MOI. – Lequel des deux préféreriez-vous? Ou qu'il eût été un bon homme, identifié avec son comptoir comme Briasson ou avec son aune, comme Barbier, faisant régulièrement tous les ans un enfant légitime à sa femme, bon mari; bon père, bon oncle, bon voisin, honnête commerçant, mais rien de plus; ou qu'il eût été fourbe, traître, ambitieux, envieux, méchant; mais auteur d'Andromaque, de Britannicus, d'Iphigénie, de Phèdre, d'Athalie.
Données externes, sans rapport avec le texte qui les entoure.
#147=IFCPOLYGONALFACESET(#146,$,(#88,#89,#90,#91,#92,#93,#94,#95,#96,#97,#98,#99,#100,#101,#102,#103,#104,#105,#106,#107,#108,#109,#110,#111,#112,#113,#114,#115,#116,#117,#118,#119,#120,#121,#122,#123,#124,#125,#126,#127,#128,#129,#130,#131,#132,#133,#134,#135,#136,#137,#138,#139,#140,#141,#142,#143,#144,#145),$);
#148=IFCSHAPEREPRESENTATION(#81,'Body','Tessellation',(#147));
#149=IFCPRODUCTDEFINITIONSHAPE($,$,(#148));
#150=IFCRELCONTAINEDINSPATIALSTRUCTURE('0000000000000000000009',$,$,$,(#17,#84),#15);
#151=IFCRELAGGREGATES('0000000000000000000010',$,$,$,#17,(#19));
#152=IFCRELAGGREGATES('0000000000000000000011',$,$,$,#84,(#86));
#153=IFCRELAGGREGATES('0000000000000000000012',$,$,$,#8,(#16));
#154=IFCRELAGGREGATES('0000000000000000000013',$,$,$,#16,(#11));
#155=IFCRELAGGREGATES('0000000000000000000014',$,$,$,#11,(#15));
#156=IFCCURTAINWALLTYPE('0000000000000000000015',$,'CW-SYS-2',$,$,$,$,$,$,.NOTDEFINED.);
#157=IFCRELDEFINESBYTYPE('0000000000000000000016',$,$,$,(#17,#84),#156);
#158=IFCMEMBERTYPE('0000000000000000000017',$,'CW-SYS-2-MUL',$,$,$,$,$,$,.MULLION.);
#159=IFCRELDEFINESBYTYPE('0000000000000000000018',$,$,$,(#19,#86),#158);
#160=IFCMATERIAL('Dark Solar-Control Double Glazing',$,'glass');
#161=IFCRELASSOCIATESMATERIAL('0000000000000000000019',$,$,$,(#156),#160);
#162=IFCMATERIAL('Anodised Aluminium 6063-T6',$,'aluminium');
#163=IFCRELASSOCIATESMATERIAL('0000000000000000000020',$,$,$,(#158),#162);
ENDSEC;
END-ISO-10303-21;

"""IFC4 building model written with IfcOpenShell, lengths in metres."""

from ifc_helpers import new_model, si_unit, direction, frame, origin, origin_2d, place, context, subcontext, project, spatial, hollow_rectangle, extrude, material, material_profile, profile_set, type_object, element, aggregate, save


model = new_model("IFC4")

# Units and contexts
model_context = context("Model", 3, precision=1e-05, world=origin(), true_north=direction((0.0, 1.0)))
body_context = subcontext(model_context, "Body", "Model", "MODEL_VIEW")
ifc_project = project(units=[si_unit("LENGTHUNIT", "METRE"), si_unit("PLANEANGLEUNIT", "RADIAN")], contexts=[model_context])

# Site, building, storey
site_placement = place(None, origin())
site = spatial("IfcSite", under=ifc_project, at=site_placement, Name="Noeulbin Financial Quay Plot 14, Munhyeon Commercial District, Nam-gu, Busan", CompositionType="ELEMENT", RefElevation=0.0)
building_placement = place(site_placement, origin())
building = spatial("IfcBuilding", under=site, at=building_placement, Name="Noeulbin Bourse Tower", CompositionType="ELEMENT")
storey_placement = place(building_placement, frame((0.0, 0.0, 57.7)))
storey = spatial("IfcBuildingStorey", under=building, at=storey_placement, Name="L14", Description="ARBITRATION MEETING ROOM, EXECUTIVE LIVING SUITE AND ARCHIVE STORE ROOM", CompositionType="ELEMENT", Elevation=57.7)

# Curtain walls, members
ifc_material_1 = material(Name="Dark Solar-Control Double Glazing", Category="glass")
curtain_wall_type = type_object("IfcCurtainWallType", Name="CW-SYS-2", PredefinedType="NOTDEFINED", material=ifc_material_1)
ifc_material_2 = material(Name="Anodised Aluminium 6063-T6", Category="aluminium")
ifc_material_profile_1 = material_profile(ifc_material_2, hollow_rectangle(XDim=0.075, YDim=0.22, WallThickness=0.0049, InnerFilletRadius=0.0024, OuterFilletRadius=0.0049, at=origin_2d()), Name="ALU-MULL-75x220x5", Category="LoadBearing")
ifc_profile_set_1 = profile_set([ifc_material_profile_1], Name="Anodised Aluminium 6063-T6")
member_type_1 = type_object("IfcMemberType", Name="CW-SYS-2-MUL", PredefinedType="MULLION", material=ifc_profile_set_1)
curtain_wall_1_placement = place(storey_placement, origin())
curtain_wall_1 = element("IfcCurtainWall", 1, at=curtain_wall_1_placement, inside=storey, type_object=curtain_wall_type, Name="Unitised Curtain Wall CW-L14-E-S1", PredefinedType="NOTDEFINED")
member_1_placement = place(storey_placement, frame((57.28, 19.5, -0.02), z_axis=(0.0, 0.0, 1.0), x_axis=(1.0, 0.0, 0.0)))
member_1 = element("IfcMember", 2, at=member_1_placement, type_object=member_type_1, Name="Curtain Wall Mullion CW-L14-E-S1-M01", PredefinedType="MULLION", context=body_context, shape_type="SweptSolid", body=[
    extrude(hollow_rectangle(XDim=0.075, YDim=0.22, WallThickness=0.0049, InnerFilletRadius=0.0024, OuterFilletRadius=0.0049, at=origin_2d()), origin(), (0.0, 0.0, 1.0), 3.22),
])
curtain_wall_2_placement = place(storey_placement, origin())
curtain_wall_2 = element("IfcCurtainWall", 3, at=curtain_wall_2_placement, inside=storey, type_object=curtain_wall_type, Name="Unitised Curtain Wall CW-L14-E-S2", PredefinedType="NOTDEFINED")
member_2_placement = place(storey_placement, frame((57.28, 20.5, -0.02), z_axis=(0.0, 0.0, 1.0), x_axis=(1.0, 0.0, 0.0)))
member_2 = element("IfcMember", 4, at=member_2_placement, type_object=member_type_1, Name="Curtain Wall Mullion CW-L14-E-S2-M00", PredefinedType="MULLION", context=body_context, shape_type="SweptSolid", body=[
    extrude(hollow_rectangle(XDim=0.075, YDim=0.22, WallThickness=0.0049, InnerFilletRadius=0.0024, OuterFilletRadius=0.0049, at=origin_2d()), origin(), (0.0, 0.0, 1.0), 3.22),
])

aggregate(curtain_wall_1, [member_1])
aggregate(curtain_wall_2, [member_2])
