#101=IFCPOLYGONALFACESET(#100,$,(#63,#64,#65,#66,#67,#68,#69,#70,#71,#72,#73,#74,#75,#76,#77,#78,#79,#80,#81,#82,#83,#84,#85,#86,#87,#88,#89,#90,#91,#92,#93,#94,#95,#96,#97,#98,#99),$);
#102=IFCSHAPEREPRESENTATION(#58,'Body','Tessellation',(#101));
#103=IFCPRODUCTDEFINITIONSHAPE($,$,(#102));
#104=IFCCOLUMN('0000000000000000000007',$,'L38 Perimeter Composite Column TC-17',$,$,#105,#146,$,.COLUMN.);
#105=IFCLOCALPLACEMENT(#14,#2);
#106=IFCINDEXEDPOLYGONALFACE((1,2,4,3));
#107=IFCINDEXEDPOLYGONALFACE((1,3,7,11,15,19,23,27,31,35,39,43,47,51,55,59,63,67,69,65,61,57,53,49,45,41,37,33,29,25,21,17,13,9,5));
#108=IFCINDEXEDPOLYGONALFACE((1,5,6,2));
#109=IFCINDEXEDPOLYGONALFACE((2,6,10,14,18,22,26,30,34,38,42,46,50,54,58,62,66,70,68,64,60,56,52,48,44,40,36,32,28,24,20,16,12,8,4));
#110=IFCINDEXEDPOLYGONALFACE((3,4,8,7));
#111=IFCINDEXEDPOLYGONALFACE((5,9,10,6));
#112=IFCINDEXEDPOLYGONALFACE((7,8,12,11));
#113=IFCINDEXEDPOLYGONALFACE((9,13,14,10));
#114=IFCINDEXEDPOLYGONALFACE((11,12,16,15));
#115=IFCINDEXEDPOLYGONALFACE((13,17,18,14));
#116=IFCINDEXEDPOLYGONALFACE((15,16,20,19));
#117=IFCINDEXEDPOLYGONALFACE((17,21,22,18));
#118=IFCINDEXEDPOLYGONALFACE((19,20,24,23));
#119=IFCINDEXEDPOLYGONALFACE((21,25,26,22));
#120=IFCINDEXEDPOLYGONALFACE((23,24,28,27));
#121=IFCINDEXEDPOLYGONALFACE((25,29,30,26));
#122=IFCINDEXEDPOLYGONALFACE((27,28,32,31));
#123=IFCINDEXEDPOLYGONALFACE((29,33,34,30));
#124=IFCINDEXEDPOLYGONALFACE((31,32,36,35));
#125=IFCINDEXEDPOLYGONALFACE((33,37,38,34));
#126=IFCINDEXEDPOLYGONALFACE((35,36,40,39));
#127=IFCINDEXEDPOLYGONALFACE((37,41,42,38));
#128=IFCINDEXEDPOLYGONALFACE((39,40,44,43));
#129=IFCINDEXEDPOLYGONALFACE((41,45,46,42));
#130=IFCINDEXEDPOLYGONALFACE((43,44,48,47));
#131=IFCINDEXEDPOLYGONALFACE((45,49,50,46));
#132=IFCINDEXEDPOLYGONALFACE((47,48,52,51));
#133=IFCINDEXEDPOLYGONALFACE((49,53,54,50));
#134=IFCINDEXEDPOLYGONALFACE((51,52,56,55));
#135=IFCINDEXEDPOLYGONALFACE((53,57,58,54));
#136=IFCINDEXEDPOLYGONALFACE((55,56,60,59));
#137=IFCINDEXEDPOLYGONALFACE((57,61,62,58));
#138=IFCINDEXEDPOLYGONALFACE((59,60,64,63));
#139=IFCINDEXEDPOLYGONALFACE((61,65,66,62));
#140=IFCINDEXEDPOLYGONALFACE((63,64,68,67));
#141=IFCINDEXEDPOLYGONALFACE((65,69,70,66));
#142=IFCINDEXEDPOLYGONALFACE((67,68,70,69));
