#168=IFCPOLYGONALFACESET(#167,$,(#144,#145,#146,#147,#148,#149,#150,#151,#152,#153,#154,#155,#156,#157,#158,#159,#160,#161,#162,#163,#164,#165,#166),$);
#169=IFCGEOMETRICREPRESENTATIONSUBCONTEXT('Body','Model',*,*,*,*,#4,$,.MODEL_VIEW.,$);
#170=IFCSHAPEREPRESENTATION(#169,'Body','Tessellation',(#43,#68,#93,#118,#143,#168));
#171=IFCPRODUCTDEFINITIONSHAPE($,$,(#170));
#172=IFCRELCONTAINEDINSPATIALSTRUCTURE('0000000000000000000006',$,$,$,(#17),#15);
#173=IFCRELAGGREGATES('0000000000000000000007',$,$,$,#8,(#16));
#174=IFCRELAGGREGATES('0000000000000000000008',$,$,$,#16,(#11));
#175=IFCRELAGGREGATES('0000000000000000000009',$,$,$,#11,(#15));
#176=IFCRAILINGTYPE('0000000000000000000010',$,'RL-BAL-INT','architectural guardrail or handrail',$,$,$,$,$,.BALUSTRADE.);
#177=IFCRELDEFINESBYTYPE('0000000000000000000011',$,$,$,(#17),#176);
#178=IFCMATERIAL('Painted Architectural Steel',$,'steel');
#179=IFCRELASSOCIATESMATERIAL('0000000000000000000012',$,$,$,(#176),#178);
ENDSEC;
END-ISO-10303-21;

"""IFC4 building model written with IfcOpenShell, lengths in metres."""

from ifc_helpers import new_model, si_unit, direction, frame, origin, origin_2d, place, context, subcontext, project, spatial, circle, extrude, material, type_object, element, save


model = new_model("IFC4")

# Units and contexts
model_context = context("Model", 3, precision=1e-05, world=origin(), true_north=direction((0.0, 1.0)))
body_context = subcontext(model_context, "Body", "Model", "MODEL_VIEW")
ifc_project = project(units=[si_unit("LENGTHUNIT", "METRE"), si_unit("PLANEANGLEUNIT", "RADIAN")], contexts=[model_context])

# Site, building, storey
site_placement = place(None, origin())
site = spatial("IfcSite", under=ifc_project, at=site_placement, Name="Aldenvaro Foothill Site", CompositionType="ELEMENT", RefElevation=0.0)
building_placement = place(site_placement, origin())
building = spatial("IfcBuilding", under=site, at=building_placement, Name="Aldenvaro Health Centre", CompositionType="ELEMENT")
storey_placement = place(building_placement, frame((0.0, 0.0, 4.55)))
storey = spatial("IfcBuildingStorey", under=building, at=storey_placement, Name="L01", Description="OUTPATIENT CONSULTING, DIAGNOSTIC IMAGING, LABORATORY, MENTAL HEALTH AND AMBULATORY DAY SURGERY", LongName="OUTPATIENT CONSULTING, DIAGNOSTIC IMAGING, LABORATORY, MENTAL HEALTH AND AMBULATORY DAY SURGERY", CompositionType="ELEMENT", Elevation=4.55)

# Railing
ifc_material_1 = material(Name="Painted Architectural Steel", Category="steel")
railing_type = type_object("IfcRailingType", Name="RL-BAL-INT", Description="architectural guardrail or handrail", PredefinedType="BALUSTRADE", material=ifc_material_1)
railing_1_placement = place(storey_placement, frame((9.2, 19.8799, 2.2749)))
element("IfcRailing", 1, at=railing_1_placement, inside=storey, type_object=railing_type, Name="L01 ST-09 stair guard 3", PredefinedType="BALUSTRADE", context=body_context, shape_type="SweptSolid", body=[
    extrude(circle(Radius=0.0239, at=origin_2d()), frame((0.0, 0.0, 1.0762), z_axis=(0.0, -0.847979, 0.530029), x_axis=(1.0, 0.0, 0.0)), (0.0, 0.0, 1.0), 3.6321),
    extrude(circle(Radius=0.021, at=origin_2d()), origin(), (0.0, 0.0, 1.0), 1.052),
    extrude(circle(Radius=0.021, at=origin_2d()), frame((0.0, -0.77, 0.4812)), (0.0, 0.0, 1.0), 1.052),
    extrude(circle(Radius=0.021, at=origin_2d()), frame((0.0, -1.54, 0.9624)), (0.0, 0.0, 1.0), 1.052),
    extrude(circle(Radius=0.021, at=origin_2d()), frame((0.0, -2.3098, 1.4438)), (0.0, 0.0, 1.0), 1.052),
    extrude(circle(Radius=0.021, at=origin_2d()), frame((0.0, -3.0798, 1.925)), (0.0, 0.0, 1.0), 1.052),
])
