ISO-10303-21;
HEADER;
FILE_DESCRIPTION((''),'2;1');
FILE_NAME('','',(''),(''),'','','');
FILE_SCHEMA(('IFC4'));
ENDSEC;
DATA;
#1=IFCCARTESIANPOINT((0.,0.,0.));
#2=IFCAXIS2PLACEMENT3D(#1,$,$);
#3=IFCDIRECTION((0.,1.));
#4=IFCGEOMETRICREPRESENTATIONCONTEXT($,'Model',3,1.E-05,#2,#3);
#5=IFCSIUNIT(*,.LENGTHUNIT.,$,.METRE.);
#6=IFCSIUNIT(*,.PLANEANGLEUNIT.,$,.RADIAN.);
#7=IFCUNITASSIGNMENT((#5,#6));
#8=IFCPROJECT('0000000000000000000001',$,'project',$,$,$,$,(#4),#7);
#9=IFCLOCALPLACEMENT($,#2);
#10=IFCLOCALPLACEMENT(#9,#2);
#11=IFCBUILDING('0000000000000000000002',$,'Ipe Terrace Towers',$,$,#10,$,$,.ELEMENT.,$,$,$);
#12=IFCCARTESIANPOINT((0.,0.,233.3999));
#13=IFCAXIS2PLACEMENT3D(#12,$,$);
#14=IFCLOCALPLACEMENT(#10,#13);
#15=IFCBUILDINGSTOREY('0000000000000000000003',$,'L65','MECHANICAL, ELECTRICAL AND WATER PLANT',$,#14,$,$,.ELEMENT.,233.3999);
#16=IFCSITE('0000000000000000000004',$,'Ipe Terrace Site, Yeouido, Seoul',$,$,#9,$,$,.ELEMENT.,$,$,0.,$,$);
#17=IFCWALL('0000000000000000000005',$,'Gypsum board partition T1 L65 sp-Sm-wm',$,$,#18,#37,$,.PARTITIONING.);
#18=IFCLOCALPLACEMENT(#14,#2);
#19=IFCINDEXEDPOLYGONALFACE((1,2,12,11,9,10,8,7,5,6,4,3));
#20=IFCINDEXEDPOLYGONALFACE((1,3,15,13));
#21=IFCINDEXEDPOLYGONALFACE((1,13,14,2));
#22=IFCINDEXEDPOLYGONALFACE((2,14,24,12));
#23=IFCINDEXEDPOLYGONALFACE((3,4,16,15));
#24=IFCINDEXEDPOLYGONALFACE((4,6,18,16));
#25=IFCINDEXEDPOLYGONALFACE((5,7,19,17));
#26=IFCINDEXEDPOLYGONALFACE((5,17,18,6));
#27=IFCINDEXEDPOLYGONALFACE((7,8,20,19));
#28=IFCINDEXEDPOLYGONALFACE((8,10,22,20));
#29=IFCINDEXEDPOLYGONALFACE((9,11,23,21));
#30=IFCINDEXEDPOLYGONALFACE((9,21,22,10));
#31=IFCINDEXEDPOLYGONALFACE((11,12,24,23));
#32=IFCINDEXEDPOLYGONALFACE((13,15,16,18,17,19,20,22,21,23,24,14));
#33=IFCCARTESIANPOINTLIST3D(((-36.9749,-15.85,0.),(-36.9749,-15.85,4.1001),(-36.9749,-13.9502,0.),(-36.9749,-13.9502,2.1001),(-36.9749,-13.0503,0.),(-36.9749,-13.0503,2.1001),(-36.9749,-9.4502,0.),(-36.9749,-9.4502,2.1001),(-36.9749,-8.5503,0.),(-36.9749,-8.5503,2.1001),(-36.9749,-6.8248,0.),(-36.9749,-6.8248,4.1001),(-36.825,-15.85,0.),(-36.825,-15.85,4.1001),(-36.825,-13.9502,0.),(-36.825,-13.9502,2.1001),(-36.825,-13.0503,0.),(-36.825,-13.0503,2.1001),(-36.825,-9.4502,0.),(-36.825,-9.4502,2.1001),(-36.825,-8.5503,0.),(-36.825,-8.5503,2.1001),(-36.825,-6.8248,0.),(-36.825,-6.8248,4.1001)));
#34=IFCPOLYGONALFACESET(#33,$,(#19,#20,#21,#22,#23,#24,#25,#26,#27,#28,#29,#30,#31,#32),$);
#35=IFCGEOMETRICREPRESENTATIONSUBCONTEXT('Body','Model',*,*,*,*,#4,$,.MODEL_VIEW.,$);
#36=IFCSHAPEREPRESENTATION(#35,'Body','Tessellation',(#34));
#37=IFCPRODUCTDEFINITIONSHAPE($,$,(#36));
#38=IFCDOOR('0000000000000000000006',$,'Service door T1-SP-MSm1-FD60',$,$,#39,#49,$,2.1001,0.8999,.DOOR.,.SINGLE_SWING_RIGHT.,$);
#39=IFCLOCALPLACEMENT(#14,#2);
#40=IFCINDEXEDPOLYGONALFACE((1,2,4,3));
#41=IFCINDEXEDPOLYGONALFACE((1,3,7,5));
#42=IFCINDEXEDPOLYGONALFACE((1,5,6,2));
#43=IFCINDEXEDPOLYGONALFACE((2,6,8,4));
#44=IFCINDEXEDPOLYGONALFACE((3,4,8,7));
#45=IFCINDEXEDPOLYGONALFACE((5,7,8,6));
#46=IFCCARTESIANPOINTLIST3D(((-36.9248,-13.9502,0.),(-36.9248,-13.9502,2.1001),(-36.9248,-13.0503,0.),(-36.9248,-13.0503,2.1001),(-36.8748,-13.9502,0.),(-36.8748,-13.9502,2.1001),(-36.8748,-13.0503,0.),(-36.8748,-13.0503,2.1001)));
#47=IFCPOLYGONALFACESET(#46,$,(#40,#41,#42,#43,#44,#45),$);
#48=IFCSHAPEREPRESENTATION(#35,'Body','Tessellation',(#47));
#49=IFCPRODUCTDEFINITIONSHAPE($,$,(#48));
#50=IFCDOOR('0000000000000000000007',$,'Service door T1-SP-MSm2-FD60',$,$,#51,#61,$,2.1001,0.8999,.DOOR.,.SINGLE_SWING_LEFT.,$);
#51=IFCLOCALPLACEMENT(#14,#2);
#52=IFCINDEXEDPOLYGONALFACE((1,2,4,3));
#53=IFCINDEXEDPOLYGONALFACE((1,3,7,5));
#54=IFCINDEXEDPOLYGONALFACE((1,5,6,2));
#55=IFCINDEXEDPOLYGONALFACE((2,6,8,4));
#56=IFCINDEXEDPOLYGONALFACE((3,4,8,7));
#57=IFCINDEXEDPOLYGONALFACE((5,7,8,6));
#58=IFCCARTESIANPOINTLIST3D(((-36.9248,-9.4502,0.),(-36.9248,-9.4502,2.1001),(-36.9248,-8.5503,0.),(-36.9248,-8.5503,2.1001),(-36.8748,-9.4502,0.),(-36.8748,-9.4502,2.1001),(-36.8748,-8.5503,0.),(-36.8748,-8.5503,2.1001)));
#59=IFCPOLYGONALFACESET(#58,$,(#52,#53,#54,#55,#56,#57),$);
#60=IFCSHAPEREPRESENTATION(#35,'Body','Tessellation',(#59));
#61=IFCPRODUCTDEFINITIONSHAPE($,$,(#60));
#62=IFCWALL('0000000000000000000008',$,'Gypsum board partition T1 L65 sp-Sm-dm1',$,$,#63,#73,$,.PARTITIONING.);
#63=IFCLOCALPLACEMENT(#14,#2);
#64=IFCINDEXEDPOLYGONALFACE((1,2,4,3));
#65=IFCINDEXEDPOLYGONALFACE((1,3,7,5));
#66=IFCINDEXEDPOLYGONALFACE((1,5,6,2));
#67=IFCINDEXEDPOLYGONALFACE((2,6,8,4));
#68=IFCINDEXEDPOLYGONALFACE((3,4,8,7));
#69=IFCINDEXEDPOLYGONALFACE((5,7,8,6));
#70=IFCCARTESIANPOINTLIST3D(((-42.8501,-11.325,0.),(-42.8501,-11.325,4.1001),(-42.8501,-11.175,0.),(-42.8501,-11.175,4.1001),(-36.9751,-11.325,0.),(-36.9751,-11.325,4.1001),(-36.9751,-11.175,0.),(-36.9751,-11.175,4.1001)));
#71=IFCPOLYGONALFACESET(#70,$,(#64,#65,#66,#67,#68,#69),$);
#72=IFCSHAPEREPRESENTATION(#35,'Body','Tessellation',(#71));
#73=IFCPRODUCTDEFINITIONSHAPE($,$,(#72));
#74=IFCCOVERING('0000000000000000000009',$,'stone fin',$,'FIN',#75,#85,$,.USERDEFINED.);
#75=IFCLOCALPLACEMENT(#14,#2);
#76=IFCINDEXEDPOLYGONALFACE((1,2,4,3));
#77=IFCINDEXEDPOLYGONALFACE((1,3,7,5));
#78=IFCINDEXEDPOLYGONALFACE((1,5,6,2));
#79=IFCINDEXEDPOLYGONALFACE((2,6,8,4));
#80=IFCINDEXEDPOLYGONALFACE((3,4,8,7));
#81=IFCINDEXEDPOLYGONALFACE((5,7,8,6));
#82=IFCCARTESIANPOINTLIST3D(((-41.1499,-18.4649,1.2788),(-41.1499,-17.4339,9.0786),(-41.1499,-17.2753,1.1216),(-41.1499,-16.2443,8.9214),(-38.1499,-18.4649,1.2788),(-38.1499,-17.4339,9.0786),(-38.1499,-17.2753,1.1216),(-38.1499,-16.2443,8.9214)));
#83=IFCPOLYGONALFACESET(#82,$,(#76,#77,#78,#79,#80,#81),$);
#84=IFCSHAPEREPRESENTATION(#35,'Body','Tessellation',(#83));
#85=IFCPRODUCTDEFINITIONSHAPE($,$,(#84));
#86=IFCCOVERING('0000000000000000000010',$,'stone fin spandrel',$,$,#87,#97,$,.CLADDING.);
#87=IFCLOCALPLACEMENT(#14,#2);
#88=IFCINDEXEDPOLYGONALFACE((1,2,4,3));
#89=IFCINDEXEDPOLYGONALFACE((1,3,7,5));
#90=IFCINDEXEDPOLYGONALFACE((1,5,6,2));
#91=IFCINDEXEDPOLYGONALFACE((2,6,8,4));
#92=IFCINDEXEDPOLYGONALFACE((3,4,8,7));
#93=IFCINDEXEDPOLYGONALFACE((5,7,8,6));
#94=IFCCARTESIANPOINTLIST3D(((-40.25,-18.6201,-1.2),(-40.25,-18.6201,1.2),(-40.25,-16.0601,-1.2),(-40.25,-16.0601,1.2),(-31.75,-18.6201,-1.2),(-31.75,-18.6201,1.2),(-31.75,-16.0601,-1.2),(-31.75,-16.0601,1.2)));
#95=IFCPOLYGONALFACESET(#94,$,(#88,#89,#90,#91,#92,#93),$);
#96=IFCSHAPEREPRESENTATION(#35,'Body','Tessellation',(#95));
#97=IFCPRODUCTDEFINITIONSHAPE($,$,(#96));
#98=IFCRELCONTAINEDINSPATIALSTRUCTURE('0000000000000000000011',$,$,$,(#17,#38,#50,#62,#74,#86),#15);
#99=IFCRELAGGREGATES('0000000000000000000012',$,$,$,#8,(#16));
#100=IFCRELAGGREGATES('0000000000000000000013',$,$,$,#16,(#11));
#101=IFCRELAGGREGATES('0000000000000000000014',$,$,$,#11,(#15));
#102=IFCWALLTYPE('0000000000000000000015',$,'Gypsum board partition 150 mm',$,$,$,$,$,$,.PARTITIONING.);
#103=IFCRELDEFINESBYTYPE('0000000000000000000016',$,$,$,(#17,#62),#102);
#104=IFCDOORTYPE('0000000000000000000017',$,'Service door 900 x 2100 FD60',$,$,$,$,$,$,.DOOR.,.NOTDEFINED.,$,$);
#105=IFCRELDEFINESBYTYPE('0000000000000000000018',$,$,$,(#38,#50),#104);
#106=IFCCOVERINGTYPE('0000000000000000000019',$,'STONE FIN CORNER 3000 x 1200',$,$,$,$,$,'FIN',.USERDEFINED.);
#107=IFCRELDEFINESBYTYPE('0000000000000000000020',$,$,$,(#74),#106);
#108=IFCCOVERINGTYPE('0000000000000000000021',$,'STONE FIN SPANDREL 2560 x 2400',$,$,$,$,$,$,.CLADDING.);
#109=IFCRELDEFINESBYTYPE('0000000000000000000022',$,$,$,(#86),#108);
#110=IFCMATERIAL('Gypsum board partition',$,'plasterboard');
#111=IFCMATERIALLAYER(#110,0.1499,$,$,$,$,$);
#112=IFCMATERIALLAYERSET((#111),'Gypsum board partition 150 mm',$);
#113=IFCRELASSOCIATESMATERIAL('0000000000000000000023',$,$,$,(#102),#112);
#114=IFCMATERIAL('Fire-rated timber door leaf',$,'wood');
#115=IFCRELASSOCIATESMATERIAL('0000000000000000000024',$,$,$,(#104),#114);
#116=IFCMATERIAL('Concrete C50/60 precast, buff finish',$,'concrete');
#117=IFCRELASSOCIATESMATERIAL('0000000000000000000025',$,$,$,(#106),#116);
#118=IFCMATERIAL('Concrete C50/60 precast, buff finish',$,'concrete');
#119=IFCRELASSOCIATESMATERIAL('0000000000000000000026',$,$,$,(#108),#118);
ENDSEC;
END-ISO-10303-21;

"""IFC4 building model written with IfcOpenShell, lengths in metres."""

from ifc_helpers import new_model, si_unit, direction, frame, frame_2d, origin, origin_2d, place, context, subcontext, project, spatial, rectangle, extrude, material, layer, layer_set, material_profile, profile_set, type_object, element, fill, save


model = new_model("IFC4")

# Units and contexts
model_context = context("Model", 3, precision=1e-05, world=origin(), true_north=direction((0.0, 1.0)))
body_context = subcontext(model_context, "Body", "Model", "MODEL_VIEW")
ifc_project = project(units=[si_unit("LENGTHUNIT", "METRE"), si_unit("PLANEANGLEUNIT", "RADIAN")], contexts=[model_context])

# Site, building, storey
site_placement = place(None, origin())
site = spatial("IfcSite", under=ifc_project, at=site_placement, Name="Ipe Terrace Site, Yeouido, Seoul", CompositionType="ELEMENT", RefElevation=0.0)
building_placement = place(site_placement, origin())
building = spatial("IfcBuilding", under=site, at=building_placement, Name="Ipe Terrace Towers", CompositionType="ELEMENT")
storey_placement = place(building_placement, frame((0.0, 0.0, 233.3999)))
storey = spatial("IfcBuildingStorey", under=building, at=storey_placement, Name="L65", Description="MECHANICAL, ELECTRICAL AND WATER PLANT", CompositionType="ELEMENT", Elevation=233.3999)

# Shared definitions
ifc_material_1 = material(Name="Gypsum board partition", Category="plasterboard")
ifc_layer_1 = layer(ifc_material_1, 0.1499)
ifc_layer_set_1 = layer_set([ifc_layer_1], Name="Gypsum board partition 150 mm")
wall_type_1 = type_object("IfcWallType", Name="Gypsum board partition 150 mm", PredefinedType="PARTITIONING", material=ifc_layer_set_1)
LUI. – Pour lui, ma foi, peut-être que de ces deux hommes, il eût mieux valu qu'il eût été le premier.
MOI. – Cela est même infiniment plus vrai que vous ne le sentez.
LUI. – Oh! vous voilà, vous autres! Si nous disons quelque chose de bien, c'est comme des fous, ou des inspirés; par hasard. Il n'y a que vous autres qui vous entendiez. Oui, monsieur le philosophe. Je m'entends; et je m'entends ainsi que vous vous entendez.
MOI. – Voyons; eh bien, pourquoi pour lui?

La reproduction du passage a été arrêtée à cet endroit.